Sessizliğin coğrafyası
Sessizliğin coğrafyası
AHMET CAN KARAHASANOĞLU
Uzun zamandır içimde sessizce dolaşan o yabancıya mı dönüşüyorum? Bilinçaltımda gezinen bir yolcuyum belki de… Kırılma tam da burada başlıyor. Acemice kurulmuş bir cümle, zamanla ömürlük yabancılığın sessizliğine dönüşüyor. Çünkü ne zaman bir yerden başka bir yere gitsen, ardında bıraktığın şehirlerin gölgeleri seninle birlikte gelir. Bavuluna koymadığın şeylerdir en ağır olanlar: eski sesler, eksik bakışlar, yitik kimlikler.
Sen gezmedin belki fiziksel olarak, ama içinden geçtiğin yollar var. Düşüncelerle yokuş çıktın, sorgularla tenha sokaklara girdin. Dostoyevski’nin düşkün karakterleri gibi sen de bir haritanın üzerinde değil, kendi zihninin labirentinde yürüdün.
Her adımda kendine biraz daha uzaklaştın, çünkü her yeni durakta “burası da değil” dedin. “Ebedi bir mülteci” oluşun tam da burada yatıyor: sığınacak yer değil, kendine ait bir zaman, bir anlam arıyorsun. Bulunabilecek olana talip değilsin çünkü aramaktan da yoruldun.
Yaşlanmanın en acı yanı, gençliğinin geçmesi değil, hayatın anlamının elinden gitmesiydi.
Ve o anlam? Kaderin içine gizlenmiş değil, hayatın çatlaklarından sırıtan anlam.

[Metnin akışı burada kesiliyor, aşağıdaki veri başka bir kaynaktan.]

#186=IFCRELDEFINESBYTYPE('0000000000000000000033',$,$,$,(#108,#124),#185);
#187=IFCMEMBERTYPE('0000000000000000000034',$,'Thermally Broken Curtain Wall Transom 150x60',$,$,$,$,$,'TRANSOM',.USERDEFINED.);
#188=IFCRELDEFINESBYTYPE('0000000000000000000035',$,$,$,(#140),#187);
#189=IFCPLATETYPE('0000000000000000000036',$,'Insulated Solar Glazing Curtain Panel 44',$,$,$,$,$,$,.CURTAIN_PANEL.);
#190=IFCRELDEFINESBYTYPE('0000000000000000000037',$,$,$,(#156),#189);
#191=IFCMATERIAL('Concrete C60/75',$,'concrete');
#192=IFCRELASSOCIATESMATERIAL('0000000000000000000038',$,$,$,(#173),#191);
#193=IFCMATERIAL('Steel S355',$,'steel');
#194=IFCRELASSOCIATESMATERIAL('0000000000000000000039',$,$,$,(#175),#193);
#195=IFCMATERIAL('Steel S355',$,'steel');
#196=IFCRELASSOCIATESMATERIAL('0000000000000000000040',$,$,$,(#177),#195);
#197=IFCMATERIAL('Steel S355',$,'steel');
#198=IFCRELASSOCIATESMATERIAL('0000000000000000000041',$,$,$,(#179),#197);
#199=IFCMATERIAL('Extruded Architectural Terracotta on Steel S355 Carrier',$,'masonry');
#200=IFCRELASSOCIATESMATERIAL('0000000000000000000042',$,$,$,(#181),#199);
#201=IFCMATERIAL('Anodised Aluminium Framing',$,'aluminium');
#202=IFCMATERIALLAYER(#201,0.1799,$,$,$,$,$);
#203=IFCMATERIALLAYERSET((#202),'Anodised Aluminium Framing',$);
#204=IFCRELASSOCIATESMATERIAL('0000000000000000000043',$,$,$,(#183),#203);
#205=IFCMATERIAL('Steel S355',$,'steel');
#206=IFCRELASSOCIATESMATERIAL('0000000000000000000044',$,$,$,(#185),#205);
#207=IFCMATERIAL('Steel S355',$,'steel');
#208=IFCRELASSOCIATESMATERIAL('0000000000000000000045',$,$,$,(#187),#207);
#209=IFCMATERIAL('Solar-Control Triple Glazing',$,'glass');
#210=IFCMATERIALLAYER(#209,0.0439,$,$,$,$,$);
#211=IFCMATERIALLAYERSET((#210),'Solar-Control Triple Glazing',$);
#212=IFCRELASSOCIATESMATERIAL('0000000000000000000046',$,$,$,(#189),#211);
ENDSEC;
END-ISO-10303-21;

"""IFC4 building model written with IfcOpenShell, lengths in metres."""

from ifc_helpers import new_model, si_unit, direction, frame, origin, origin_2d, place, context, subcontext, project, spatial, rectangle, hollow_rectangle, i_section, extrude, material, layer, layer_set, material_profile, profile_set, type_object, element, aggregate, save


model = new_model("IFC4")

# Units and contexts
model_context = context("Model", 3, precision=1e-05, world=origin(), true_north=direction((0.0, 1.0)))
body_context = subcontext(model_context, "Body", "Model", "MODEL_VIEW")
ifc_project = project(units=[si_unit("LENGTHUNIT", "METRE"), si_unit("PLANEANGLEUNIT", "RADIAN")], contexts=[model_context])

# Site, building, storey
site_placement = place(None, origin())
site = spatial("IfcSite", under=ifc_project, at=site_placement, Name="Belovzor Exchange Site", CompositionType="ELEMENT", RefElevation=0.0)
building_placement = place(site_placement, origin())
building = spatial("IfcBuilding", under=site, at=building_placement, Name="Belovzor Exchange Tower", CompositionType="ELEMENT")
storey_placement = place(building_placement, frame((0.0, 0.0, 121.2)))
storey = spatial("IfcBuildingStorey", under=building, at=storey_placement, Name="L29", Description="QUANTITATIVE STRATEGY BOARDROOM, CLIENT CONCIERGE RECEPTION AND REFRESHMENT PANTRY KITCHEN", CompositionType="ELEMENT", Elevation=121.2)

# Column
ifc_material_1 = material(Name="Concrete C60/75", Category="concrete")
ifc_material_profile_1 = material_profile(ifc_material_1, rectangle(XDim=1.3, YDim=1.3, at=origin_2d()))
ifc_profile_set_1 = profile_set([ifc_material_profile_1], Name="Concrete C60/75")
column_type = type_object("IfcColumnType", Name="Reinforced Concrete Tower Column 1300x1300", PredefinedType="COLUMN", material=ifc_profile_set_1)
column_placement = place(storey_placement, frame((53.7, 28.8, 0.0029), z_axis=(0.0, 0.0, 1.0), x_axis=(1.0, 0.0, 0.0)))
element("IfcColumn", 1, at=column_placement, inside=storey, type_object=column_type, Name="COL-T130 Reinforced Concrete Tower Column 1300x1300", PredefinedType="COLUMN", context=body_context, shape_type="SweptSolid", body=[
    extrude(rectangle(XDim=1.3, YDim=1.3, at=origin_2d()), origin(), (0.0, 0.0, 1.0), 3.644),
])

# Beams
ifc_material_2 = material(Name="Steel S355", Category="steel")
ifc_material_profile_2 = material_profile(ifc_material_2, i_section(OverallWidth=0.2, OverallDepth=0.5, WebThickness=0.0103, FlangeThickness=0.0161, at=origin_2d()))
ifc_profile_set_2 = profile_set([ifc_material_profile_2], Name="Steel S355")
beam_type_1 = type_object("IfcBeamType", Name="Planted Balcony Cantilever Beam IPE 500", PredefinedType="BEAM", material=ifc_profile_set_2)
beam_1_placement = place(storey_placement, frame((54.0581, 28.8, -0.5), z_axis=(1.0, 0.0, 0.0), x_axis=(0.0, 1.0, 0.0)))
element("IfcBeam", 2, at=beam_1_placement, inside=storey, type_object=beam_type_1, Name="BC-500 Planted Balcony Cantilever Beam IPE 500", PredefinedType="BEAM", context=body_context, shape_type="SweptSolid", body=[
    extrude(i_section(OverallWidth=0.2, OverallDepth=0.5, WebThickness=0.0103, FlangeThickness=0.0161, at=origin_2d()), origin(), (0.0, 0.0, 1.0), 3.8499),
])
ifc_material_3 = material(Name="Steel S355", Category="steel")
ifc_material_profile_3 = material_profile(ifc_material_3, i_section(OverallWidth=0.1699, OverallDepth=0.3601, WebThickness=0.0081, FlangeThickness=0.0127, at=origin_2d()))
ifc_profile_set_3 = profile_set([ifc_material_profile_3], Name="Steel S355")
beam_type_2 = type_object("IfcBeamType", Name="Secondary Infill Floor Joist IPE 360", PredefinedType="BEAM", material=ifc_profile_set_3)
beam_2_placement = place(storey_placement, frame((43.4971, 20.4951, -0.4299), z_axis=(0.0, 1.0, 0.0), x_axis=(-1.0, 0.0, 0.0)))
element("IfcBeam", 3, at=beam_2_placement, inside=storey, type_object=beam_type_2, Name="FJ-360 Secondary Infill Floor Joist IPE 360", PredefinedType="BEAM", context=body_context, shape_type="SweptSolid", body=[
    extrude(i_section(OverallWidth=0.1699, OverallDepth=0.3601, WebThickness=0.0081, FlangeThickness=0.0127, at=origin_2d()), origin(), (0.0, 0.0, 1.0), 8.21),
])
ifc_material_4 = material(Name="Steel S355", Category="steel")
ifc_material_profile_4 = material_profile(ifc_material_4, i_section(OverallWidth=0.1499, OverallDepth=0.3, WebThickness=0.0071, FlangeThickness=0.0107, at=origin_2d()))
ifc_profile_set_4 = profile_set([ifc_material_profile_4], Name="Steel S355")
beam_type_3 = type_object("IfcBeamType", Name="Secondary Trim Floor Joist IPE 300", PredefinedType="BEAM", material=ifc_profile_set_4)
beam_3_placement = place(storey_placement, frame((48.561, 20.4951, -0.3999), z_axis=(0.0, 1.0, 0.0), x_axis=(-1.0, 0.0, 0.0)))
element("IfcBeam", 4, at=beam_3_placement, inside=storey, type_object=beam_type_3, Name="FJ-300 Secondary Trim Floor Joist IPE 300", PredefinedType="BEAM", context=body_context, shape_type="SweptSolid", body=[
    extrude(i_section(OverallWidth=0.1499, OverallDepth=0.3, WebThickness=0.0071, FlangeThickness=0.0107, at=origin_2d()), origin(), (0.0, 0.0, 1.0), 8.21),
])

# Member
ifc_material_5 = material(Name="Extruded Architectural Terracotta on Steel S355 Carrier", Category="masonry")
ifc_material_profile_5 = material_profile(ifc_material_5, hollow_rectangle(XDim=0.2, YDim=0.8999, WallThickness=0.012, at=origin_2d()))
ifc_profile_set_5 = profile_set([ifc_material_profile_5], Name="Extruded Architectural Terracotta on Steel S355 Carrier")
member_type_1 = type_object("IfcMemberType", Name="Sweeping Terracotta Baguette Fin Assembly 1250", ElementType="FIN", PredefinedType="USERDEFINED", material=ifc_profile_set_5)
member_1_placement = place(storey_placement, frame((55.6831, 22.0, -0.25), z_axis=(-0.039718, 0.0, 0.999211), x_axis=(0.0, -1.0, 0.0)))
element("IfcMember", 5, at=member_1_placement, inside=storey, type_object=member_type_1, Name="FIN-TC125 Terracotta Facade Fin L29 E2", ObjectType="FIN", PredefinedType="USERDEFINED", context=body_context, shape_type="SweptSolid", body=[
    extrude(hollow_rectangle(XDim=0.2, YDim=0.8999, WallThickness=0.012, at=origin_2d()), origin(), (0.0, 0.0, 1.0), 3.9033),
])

Anlatıcı ile anlatılan arasında gidip gelen bir yankı gibisin.
Hatırladıkların bile sana ait değil artık… Sanki bir yabancının rüyasına sığınmışsın; ama uyanınca, o rüyanın yükü, o sana ait olmayan hüzün, seninle kalmış. Ne geçmişe ne de geleceğe tutunabiliyorsun… Tutunmak değil kopmak senin kaderin. Ah Beşir Fuad… Ah yaralı kalb…
Kim olduğunu bile unuttuğun anlarda, hayat sana bir soru olarak geri dönüyor. Cevap değil. Cevap hiçbir zaman verilmez. Sadece ararsın. Ararken değişirsin. Değişirken yitirirsin.
Şehirler geçer zihninden, insanların suretleri birbirine karışır. Ama sen hep aynı sorunun peşindesin: “Ben kimim ve burası neresi?” İşte bu yüzden sen bir gezginsin. Ama turist değil. Gezgin, gittiği yerlerde bulmaya değil, bırakmaya çalışır. Sen de her adımda bir şey bırakmışsın. Belki bir hayal, belki bir soru, belki de bir kırgınlık.
Ve şimdi, buradasın. Düşüncelerinin kıyısında. Bu hayat, seni nereye götürürse götürsün, seninle yürüyen asıl şey bu: kayıp…
Sen de o kaybın içinde kendini inşa etmeye çalışıyorsun. Ve belki de bu yüzden, hayatı sorgulamak, onunla savaşmak değil, onunla birlikte susmak gibi bir şey. Çünkü bazen en derin cevaplar, kelimelerin tükendiği yerde başlar.